Os aforismos repetitivos dos seguidores de Kundera estão certos: fábricas são efêmeras, bacon é eterno. Eu deveria ter pressentido quando o inefável pipoqueiro a quem eu pedia um saco de bacon com bastante pipoca não tinha troco para a minha nota grande. Este é um pipoqueiro para uma pessoa que contava as moedas e contava com o ônibus do condomínio para comprar aquele bacon borrachudo e quentinho com o qual hoje, sem fome, esperava esquentar os meus dentes gelados.
Não tive a pipoca, porque não era mais o meu pipoqueiro e não vi a fábrica. E sentei-me então no cimento gelado que cerca aquelas grades por onde entra luz do dia ao metrô. Estas eu ainda tinha. E tinha um daqueles lápis com logotipo que fluem como leite na FGV.
Era pela rua Nelson Mandela que eu voltava para a Voluntários depois de subir a São Clemente inteira desde a altura da Cobal às 7 da manhã, vendo um tanto grogue os jornaleiros carregando os pacotes d’O Globo, depois dos meus amigos terem abandonado a noite às 3 da manhã e eu ter continuado até a última música e o último drinque.
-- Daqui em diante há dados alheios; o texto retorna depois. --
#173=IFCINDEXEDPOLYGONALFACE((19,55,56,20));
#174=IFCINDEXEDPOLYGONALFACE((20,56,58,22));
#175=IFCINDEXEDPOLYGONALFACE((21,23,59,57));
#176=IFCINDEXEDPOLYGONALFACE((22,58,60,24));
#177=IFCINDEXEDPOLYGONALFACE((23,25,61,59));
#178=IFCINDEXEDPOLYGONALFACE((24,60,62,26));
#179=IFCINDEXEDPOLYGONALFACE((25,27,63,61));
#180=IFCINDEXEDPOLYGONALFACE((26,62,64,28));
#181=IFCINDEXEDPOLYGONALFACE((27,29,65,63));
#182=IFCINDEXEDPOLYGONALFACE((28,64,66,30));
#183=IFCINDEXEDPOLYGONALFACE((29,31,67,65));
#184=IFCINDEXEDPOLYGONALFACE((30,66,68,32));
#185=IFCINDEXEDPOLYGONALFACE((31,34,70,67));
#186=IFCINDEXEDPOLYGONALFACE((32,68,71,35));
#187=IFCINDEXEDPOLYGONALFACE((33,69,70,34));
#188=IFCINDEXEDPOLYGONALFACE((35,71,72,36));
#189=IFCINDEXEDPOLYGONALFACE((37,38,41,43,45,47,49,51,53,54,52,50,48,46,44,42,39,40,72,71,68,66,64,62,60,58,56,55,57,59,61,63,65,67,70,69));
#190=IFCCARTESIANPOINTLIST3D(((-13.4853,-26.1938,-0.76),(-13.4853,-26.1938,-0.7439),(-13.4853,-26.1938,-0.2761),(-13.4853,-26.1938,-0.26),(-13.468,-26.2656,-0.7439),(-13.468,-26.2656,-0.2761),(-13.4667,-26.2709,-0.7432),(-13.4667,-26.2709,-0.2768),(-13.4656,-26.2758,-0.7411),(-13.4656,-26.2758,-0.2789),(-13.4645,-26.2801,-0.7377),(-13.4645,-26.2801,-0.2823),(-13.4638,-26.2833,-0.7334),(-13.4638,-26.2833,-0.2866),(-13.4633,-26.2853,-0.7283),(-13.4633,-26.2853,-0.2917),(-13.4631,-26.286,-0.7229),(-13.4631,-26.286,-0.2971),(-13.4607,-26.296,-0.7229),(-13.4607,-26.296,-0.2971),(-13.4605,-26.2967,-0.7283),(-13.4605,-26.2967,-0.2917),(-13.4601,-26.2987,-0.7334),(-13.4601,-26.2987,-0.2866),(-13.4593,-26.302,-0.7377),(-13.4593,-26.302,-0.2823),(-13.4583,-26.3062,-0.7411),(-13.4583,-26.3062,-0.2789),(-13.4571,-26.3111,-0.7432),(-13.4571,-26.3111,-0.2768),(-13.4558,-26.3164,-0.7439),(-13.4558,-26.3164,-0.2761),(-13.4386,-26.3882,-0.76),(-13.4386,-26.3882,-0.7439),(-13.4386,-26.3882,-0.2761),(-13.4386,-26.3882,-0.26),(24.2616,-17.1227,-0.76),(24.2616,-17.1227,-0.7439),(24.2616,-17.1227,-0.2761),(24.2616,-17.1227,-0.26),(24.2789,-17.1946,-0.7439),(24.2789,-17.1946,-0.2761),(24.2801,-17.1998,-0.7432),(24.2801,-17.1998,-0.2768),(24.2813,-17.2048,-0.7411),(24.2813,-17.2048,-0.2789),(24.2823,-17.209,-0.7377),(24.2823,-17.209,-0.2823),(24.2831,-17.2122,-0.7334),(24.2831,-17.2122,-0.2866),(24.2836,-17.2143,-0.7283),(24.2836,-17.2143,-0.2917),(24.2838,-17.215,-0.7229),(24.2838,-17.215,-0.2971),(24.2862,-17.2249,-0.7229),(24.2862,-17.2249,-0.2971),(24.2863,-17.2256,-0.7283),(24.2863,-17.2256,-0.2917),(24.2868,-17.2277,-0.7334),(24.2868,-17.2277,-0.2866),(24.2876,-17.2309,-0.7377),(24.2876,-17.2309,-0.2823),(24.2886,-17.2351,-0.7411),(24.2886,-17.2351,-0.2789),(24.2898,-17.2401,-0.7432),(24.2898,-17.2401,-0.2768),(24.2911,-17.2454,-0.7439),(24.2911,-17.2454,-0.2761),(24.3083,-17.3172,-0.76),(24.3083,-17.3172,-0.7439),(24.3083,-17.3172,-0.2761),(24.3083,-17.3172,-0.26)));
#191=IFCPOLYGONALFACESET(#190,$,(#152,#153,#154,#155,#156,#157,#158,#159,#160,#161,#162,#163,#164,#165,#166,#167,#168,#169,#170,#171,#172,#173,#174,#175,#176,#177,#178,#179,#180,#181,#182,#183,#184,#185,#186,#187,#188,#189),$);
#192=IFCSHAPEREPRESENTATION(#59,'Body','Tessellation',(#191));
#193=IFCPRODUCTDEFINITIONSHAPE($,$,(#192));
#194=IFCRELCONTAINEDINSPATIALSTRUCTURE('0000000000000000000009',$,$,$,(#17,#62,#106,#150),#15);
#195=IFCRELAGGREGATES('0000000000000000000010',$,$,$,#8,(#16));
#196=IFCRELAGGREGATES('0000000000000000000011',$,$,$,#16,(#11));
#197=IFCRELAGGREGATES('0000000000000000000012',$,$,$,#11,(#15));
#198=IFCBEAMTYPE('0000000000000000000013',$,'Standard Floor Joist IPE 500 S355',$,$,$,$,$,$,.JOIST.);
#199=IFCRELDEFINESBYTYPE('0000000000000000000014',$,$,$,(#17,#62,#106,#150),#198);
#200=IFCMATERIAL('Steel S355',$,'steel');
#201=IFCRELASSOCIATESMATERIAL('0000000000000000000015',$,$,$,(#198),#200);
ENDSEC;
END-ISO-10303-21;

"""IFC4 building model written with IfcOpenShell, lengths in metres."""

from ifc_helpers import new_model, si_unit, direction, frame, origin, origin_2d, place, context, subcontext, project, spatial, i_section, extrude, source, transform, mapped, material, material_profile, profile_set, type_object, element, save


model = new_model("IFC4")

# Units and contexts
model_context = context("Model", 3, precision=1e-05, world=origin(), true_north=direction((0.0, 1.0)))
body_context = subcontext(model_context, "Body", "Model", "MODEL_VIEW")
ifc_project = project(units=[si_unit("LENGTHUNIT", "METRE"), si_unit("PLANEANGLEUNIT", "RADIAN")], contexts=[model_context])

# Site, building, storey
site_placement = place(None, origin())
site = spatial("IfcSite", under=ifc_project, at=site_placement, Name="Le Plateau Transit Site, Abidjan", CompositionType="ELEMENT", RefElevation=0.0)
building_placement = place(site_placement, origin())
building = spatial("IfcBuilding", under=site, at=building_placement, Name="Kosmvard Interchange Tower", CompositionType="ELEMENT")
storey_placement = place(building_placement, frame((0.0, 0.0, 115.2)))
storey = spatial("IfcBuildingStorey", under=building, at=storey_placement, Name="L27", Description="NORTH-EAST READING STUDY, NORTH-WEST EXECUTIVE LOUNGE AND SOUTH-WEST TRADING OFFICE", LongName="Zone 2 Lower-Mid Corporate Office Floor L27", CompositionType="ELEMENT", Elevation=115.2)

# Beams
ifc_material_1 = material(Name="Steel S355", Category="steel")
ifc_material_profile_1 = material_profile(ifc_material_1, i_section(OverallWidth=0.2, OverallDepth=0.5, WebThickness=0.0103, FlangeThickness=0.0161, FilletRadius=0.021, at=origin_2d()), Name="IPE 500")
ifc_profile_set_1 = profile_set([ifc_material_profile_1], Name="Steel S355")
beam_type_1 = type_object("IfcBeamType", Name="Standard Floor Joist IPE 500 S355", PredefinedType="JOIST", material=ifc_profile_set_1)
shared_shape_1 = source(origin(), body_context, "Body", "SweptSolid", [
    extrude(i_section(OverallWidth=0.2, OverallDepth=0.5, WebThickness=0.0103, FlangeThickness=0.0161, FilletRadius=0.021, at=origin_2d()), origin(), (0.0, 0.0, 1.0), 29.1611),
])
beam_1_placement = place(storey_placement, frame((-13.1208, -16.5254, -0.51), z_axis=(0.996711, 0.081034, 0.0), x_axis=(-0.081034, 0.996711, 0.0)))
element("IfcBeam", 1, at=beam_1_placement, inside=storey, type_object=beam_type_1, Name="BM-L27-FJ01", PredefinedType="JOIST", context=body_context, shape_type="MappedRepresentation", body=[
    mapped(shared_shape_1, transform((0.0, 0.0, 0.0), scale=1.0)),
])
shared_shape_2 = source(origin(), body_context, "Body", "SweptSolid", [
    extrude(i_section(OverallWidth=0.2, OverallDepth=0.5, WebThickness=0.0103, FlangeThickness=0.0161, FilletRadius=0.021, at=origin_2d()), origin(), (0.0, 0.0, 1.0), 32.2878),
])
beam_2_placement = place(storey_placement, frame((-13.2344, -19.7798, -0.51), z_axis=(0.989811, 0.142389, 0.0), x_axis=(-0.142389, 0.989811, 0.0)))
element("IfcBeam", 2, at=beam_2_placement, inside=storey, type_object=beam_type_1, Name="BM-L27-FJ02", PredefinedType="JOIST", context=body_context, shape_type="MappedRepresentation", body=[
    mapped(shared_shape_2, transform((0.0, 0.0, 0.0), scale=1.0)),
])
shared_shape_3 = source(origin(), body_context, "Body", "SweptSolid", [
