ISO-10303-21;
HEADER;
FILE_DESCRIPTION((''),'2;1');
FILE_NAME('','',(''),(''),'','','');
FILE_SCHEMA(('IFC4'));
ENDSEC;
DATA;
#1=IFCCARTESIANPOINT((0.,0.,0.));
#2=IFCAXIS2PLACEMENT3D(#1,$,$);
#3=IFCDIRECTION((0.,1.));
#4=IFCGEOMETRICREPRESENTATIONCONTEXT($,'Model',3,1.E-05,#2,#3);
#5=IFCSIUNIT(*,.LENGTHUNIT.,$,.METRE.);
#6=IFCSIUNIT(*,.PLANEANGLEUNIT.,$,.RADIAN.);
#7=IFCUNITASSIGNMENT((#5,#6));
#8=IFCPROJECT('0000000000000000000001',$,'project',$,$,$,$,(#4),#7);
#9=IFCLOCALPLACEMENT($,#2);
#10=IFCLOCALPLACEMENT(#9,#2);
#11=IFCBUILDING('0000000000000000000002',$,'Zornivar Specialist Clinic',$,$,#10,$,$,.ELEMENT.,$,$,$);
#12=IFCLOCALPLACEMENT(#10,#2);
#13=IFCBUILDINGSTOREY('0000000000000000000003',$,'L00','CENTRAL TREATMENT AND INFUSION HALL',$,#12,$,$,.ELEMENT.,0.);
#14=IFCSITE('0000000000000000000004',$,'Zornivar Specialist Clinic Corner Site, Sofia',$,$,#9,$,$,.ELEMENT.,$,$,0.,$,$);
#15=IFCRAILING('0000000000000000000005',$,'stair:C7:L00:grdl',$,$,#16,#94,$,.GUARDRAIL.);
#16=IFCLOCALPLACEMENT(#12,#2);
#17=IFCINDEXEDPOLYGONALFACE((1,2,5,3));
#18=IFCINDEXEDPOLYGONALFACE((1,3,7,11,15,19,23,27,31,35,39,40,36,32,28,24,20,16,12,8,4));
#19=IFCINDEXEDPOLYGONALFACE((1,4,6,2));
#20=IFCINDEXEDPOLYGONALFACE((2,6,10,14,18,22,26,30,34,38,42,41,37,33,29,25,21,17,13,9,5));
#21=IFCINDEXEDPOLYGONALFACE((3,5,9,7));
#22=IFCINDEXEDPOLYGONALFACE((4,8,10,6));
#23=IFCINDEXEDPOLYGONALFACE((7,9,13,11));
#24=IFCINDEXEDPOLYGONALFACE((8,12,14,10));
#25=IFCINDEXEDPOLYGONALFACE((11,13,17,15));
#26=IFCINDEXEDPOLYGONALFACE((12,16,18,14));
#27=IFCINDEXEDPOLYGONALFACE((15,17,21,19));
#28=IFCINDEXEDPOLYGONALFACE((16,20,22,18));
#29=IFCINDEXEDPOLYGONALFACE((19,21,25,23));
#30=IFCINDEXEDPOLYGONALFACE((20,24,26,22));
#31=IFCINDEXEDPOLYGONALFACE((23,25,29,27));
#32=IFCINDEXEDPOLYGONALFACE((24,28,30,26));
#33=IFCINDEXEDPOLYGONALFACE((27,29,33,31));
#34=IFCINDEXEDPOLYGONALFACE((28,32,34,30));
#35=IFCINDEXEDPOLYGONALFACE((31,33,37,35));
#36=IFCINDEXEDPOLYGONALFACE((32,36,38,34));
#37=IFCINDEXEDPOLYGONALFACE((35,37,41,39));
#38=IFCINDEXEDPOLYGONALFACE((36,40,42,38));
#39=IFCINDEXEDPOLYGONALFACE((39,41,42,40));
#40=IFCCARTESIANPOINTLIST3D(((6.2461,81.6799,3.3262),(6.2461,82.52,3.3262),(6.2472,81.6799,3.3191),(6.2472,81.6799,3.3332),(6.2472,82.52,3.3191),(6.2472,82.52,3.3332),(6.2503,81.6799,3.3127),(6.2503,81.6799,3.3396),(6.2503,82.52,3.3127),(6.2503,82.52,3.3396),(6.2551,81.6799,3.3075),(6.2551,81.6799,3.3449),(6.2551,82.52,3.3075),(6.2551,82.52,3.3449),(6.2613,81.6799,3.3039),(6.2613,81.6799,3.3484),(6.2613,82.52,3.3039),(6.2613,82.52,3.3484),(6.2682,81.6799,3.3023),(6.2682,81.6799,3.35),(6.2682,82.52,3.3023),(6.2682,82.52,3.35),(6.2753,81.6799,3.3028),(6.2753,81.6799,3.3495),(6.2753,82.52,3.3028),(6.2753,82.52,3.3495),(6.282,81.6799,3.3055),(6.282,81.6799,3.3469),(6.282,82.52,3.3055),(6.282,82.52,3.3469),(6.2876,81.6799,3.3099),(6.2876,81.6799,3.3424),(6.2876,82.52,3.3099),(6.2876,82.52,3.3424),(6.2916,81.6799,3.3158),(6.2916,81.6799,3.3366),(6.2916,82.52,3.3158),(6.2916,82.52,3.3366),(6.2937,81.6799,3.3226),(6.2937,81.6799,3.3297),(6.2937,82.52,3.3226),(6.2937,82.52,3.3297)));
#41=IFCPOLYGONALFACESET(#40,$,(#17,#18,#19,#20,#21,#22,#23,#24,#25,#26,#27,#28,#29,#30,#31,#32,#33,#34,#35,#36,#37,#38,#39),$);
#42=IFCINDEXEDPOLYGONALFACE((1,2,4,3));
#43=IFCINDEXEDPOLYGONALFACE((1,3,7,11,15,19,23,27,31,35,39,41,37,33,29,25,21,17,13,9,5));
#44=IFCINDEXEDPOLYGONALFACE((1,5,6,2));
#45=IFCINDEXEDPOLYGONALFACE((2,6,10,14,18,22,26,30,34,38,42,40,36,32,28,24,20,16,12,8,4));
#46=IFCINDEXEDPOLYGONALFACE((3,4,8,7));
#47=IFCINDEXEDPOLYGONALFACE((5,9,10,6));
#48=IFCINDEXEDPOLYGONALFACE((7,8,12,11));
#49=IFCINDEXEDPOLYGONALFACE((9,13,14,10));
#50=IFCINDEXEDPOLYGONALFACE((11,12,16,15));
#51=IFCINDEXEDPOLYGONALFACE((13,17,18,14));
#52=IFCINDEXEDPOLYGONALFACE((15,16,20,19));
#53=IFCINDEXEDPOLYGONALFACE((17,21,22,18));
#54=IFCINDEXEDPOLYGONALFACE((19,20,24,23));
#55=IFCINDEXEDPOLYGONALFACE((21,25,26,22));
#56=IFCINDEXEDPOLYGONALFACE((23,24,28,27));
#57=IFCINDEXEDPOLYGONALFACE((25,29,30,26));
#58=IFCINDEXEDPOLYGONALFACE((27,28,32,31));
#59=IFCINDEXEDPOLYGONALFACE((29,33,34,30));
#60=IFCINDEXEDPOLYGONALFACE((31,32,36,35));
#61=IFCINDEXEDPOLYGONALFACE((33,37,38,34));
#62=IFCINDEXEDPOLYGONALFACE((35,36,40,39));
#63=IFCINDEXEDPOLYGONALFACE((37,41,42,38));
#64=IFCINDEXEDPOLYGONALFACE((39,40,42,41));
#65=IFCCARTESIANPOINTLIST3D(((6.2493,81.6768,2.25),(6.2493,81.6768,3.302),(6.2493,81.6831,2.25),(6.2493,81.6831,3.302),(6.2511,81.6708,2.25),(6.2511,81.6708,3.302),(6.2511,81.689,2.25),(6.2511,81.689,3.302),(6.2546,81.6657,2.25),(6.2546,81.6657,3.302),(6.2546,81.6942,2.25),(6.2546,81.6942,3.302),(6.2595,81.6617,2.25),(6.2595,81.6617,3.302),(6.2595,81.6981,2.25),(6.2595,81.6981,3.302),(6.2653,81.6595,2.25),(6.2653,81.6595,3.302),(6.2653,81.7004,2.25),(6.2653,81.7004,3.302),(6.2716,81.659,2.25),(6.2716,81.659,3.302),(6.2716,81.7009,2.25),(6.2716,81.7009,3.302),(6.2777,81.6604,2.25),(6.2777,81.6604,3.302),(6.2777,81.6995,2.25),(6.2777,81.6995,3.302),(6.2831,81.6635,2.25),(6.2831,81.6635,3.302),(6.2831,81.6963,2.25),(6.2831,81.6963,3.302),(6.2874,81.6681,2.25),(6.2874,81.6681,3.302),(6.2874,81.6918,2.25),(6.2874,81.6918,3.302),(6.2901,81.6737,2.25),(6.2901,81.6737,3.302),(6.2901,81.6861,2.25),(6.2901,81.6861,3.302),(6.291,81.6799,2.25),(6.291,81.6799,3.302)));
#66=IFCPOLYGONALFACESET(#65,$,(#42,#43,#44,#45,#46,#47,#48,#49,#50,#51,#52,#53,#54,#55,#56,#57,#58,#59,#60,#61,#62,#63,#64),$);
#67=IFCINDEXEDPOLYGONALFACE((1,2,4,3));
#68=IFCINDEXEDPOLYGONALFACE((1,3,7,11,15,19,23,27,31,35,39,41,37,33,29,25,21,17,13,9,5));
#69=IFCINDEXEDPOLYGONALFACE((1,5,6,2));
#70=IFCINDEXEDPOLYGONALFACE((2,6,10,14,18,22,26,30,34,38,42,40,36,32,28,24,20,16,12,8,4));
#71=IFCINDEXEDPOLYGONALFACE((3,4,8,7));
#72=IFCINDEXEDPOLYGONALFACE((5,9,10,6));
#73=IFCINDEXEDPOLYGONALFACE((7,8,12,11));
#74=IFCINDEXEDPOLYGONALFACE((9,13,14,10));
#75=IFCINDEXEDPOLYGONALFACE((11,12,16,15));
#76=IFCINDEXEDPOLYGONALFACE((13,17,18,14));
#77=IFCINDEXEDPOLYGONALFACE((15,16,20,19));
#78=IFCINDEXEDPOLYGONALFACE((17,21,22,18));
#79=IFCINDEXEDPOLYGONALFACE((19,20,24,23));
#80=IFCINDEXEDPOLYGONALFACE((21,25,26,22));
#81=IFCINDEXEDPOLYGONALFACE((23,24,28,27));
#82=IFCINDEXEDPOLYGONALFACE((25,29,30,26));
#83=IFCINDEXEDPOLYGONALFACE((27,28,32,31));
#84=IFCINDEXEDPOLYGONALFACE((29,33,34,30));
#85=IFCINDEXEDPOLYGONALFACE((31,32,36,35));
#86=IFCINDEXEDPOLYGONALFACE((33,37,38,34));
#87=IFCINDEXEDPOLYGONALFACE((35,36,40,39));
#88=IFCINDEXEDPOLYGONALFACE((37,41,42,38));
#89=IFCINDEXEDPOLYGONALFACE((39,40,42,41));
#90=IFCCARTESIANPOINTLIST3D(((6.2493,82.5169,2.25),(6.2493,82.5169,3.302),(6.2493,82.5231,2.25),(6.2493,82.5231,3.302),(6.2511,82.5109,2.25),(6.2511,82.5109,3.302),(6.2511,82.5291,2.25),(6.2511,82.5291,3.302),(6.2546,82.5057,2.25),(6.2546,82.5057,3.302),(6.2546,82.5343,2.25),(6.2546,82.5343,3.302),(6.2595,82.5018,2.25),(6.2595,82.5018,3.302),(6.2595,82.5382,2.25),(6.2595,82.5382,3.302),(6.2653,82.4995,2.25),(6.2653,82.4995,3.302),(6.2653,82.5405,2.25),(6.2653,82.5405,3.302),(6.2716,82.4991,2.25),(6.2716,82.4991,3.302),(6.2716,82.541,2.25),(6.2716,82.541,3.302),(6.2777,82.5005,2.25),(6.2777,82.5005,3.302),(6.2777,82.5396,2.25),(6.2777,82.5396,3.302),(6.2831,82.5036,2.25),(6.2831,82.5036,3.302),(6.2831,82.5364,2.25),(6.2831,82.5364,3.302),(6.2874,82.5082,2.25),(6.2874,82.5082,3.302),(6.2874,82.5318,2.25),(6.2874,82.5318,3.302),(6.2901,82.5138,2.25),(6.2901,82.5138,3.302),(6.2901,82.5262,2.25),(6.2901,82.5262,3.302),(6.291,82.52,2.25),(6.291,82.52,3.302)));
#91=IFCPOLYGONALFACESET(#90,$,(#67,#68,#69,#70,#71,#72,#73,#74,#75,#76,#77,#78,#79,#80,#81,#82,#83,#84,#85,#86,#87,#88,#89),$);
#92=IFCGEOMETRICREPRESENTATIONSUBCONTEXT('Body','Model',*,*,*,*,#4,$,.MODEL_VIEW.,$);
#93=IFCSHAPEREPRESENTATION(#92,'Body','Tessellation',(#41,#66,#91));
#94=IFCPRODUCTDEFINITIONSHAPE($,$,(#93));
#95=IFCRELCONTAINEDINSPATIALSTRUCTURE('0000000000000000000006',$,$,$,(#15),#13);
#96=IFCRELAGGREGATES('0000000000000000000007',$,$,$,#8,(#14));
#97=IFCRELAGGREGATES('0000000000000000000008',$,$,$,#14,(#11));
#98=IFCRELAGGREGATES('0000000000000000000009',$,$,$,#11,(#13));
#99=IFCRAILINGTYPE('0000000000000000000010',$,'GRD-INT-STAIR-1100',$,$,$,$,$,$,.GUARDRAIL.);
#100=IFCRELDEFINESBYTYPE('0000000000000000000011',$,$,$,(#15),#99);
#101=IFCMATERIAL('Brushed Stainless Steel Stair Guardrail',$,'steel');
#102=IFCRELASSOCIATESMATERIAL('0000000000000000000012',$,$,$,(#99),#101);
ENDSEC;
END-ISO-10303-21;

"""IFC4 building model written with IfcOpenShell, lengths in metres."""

from ifc_helpers import new_model, si_unit, direction, frame, origin, origin_2d, place, context, subcontext, project, spatial, circle, extrude, material, type_object, element, save


model = new_model("IFC4")

# Units and contexts
model_context = context("Model", 3, precision=1e-05, world=origin(), true_north=direction((0.0, 1.0)))
body_context = subcontext(model_context, "Body", "Model", "MODEL_VIEW")
ifc_project = project(units=[si_unit("LENGTHUNIT", "METRE"), si_unit("PLANEANGLEUNIT", "RADIAN")], contexts=[model_context])

# Site, building, storey
site_placement = place(None, origin())
site = spatial("IfcSite", under=ifc_project, at=site_placement, Name="Zornivar Specialist Clinic Corner Site, Sofia", CompositionType="ELEMENT", RefElevation=0.0)
building_placement = place(site_placement, origin())
building = spatial("IfcBuilding", under=site, at=building_placement, Name="Zornivar Specialist Clinic", CompositionType="ELEMENT")
storey_placement = place(building_placement, origin())
storey = spatial("IfcBuildingStorey", under=building, at=storey_placement, Name="L00", Description="CENTRAL TREATMENT AND INFUSION HALL", CompositionType="ELEMENT", Elevation=0.0)

# Railing
ifc_material_1 = material(Name="Brushed Stainless Steel Stair Guardrail", Category="steel")
railing_type_1 = type_object("IfcRailingType", Name="GRD-INT-STAIR-1100", PredefinedType="GUARDRAIL", material=ifc_material_1)
railing_1_placement = place(storey_placement, frame((6.27, 81.6799, 2.25)))
element("IfcRailing", 1, at=railing_1_placement, inside=storey, type_object=railing_type_1, Name="stair:C7:L00:grdl", PredefinedType="GUARDRAIL", context=body_context, shape_type="SweptSolid", body=[
    extrude(circle(Radius=0.0239, at=origin_2d()), frame((0.0, 0.0, 1.0762), z_axis=(0.0, 1.0, 0.0), x_axis=(-1.0, 0.0, 0.0)), (0.0, 0.0, 1.0), 0.8401),
    extrude(circle(Radius=0.021, at=origin_2d()), origin(), (0.0, 0.0, 1.0), 1.052),
    extrude(circle(Radius=0.021, at=origin_2d()), frame((0.0, 0.8401, 0.0)), (0.0, 0.0, 1.0), 1.052),
])

save(model, "model.ifc")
Foi na rua Nelson Mandela que, depois de algumas beberagens mágicas na Drinqueria — ali ao lado, na Voluntários — uma menina tentou rasgar-me a roupa num beco escuro não muito longe da fábrica. Foi na rua Nelson Mandela que outra menina, a primeira das grandes desilusões, tentou rasgar-me a alma e foi na rua Nelson Mandela, em frente à fábrica, que comprei revistas velhas do Tio Patinhas — edições raras, da década de 1970, três por dois reais — para refazer-me da briga dilacerante. Ali ao lado, na Voluntários, nós comíamos o prato feito com o refrigerante de dois litros trazido na cara-de-pau da farmácia Pague Menos.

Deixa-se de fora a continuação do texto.